While all that may sound surgically precise, the results were naturally disquieting. At the San Francisco Zoo last week, members of the staff had to rush 150 cichlids--an endangered species of fish from Madagascar--to the warmth of the zoo hospital, lest they perish in chilling water. At the same time, seven West African gorillas found themselves trapped for 90 min. in their night quarters when the outage made it impossible to open the hydraulic doors of their cage. If the apes were irate, some San Franciscans may have been even more irascible. "I'm angry not just with the [utility] company but with the politicians who started all this," says Lawrence Mitchell, who feared for the inventory inside his darkened ice cream parlor. "I don't know what they were thinking." The crisis caused shutdowns and layoffs across the state. A Miller brewery near Los Angeles, which was spared blackouts, nonetheless shifted its production to Texas because of uncertainties about power.

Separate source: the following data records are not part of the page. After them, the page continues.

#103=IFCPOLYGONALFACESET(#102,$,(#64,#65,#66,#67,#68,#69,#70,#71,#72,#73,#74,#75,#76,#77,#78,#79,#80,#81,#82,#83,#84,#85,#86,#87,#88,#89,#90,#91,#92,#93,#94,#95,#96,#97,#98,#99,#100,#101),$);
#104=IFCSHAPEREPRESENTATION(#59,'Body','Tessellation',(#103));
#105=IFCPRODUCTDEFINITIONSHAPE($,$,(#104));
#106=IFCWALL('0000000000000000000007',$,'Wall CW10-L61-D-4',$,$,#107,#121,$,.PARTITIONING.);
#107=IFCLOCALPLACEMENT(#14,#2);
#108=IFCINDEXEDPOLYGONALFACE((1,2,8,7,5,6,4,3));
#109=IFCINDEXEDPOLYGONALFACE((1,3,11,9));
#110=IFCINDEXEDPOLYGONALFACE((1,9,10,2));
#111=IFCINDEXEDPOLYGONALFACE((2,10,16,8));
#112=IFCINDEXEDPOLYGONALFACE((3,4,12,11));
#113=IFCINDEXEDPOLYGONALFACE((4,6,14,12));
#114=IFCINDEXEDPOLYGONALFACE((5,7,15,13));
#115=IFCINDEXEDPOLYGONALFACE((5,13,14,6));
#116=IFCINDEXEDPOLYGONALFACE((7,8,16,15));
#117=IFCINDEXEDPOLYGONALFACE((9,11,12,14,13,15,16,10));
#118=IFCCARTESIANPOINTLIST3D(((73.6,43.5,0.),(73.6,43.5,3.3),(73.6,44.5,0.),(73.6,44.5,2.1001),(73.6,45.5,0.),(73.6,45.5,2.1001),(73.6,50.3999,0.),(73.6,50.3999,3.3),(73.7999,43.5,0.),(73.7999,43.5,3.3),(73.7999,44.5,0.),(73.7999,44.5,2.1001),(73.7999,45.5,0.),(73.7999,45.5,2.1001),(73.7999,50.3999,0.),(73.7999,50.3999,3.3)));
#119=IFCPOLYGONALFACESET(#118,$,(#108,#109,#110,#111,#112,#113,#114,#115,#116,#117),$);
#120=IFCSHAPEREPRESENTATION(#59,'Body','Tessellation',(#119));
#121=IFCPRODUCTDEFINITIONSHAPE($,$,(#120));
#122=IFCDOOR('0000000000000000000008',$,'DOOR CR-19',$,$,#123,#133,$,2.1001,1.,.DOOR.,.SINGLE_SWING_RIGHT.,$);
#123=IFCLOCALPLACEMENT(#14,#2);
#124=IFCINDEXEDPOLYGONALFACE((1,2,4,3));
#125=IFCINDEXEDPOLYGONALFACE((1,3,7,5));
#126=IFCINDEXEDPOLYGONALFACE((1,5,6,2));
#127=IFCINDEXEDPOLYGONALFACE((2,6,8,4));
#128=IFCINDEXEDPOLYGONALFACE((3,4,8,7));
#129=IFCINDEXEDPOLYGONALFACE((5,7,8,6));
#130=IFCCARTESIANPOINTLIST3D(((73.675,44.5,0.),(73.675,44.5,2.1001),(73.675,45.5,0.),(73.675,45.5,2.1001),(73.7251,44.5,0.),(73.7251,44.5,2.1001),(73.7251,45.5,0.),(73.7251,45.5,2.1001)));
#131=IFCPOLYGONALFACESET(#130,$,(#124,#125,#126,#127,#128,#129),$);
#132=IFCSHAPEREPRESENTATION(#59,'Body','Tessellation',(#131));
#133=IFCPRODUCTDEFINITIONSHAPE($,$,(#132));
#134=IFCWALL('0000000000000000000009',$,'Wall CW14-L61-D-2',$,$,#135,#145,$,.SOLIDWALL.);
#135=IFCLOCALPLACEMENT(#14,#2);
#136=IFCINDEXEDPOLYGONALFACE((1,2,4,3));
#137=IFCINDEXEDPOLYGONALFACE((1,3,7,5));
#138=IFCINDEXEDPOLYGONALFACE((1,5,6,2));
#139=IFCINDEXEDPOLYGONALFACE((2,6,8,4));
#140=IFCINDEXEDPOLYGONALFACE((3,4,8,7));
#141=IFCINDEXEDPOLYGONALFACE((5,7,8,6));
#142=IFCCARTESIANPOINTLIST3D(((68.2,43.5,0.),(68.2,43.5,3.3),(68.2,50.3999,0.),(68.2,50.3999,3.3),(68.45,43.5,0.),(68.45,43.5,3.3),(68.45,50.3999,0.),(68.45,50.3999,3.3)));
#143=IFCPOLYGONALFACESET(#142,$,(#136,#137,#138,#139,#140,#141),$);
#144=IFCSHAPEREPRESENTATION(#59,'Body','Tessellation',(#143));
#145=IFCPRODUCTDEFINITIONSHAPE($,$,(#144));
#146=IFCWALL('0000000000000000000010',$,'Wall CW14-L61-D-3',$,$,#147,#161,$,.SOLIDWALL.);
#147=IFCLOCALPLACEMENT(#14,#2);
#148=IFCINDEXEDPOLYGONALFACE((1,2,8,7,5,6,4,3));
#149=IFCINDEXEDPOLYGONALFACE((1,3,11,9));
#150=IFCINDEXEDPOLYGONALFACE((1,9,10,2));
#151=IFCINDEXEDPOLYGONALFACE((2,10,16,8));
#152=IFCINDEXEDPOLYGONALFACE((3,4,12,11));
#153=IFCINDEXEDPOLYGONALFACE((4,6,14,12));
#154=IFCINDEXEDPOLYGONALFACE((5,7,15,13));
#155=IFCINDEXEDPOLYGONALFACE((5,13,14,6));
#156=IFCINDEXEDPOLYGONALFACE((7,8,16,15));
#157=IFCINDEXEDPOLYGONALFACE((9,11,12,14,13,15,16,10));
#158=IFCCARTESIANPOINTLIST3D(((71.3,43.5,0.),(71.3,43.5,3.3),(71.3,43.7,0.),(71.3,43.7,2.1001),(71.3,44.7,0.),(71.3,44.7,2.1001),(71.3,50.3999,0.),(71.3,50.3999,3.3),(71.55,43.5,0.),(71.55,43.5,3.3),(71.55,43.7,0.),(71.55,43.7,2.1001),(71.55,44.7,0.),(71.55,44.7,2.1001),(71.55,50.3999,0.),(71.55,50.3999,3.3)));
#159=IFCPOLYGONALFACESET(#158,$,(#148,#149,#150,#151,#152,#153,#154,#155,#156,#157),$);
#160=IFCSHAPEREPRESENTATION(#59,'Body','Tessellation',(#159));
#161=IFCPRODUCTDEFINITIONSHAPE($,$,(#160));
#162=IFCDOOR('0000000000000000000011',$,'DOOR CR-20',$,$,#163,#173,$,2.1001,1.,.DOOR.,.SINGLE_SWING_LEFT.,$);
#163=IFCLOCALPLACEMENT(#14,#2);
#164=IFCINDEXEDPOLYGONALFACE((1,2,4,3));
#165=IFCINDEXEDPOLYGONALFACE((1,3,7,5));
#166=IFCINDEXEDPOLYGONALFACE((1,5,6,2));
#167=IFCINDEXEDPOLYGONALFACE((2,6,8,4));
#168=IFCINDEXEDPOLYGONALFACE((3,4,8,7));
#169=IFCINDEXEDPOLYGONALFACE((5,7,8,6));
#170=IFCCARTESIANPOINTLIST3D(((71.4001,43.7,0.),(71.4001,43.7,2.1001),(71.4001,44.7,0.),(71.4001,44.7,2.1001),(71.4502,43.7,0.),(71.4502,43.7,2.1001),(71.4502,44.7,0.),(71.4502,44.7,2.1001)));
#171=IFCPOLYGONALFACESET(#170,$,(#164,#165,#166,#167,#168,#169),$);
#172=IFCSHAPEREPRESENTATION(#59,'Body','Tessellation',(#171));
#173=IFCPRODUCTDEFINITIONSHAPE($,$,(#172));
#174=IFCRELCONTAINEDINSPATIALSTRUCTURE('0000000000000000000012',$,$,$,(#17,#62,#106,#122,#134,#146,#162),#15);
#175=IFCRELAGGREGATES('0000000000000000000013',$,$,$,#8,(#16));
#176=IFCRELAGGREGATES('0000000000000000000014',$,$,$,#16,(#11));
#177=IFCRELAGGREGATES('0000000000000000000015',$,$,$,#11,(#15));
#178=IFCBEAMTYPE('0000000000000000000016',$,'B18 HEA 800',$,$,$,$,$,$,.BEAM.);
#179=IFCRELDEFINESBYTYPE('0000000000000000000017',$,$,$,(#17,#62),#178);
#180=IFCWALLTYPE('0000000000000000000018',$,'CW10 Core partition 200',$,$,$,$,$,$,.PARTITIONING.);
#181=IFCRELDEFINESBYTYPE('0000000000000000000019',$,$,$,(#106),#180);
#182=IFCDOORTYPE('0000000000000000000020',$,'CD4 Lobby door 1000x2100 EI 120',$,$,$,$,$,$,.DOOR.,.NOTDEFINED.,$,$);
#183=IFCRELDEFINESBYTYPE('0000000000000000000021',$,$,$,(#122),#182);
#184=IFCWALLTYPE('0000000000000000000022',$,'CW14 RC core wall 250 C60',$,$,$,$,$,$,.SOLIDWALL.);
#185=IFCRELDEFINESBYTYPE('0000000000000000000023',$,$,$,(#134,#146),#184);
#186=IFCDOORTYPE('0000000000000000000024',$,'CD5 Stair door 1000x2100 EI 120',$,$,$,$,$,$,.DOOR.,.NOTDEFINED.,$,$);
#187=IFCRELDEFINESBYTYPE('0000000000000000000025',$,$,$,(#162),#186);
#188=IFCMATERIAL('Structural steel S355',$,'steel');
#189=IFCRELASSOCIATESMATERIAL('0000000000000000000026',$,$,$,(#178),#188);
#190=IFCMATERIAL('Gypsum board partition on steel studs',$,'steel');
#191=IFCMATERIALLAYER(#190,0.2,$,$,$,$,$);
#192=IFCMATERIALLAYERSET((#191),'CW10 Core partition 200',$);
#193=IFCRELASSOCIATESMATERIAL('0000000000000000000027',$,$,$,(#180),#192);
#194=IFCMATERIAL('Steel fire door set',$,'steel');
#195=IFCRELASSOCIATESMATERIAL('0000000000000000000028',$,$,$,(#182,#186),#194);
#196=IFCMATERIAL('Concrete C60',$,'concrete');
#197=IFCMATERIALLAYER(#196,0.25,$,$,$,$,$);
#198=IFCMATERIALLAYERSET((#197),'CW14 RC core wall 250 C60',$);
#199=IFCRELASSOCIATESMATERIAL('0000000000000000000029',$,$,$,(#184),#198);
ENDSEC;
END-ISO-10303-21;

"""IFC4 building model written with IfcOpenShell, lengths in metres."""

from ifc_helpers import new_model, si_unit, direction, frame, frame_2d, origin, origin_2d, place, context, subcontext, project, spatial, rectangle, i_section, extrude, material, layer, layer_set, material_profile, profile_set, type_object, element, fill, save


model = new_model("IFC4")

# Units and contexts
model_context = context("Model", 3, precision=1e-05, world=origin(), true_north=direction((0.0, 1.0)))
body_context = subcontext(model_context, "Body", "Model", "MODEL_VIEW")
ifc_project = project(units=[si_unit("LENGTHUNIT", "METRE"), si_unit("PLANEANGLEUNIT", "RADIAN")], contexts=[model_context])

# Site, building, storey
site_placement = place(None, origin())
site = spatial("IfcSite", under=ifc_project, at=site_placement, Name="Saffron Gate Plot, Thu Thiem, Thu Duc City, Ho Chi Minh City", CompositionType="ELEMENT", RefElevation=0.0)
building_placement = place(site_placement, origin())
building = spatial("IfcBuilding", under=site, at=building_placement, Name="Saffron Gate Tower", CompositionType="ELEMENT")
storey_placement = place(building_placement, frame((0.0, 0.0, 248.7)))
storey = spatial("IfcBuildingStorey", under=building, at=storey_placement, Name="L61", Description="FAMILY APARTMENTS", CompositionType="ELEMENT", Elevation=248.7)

The crisis showed no signs of easing last week. Wilson thinks that Governor Davis should use emergency powers to suspend tortuous regulations and start building plants pronto. And the ex-Governor calls for temporary power sources, perhaps sited on barges, to be rushed into service. Failing that, California's 34 million residents may soon hear calls for conservation reminiscent of the energy crises of the 1970s. "People go into their houses and turn on seven light bulbs, five computers, three TVs, and they're cooking dinner while the clothes dryer is running," Fluckiger says, with just a touch of exaggeration. "If they waited until after 8 p.m. to use some of those things and turned off some lights and a TV, it would have a major impact."
So would a less convoluted approach to deregulating an essential public service. But as Californians adjust their thermostats and turn off those lights burning in the basement, the lesson to the rest of the U.S. last week was pretty basic: a marketplace that is only partly free is a prescription for complete disaster.